On May 17, 1962, appellant filed a motion with the Commission under the authority of Sec. 13(f) of the Act to require appellees to pay a twenty percent penalty in addition to the award.
On June 13, 1962, the mandate was received by the Commission, appellees having paid the cost of court. On June 22, 1962, the amount awarded by this Court was paid. On this same date, compensation payments were stopped by the appellees without giving claimant notice as required by Sec. 13(c) of the Act, whereupon the appellant filed a motion under Sec. 13(e) of the Act requesting an additional ten percent penalty for suspension of payment without notice.
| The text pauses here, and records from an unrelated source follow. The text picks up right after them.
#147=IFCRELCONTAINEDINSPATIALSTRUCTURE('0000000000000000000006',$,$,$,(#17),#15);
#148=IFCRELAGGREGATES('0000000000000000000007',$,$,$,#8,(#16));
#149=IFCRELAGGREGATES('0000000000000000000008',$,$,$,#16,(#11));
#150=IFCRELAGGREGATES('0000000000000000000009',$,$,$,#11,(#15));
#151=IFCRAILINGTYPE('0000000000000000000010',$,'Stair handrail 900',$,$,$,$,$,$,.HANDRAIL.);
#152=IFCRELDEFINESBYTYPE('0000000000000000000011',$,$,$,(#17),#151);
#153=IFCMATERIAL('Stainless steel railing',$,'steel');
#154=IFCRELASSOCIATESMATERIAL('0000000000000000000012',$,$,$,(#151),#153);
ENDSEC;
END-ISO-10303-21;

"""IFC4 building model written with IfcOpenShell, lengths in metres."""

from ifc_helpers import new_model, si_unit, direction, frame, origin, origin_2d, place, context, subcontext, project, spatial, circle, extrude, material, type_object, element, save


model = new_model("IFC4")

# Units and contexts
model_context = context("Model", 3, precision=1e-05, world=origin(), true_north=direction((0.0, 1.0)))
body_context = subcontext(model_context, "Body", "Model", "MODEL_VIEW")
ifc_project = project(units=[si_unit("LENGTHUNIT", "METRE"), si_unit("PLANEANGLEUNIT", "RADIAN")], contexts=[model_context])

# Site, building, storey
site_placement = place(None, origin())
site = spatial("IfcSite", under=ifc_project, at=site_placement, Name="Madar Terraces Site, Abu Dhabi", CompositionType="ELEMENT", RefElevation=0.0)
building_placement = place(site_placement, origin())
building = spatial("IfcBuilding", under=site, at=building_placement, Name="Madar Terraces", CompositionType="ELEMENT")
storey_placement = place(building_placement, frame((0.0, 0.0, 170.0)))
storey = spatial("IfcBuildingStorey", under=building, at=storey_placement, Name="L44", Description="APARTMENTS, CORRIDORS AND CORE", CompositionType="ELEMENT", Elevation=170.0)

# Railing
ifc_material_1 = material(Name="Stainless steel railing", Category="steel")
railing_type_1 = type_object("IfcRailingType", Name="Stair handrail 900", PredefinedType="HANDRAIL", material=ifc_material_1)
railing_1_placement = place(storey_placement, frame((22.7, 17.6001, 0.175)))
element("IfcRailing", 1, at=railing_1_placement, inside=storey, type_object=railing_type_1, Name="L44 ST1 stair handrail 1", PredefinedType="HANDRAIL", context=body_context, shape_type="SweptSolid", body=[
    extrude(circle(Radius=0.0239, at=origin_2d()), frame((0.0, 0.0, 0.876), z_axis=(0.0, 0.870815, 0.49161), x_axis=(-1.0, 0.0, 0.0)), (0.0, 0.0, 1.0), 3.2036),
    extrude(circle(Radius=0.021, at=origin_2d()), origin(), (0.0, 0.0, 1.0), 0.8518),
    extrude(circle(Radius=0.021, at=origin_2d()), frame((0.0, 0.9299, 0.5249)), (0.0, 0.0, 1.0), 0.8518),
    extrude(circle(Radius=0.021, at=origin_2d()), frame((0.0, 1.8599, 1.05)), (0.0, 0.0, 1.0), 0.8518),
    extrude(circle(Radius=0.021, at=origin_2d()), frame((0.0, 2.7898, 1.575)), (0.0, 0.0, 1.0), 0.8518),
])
A hearing was had before the attorney-referee. His order refused the twenty percent penalty under Sec. 13(f) of the Act but he did allow the ten percent penalty under Sec. 13(e) thereof. An appeal was taken to the full Commission, and the Commission entered its order affirming the disallowance of the twenty percent penalty and reversing the attorney-referee’s order as to the ten percent penalty. This order was affirmed by the circuit court. Feeling aggrieved by this decision the claimant appeals here.
[9]*9There are two questions to be decided by this Court in regard thereto: (1) When does a decision of this Court become final so that the time interval provided in Sec. 13(f) may be computed, and (2) does the filing of a petition for reconsideration of the degree of permanent impairment authorize the suspension of payments without notice to claimant, such notice being required by Sec. 13(e) of the Act and which provides for a ten percent penalty for its violation?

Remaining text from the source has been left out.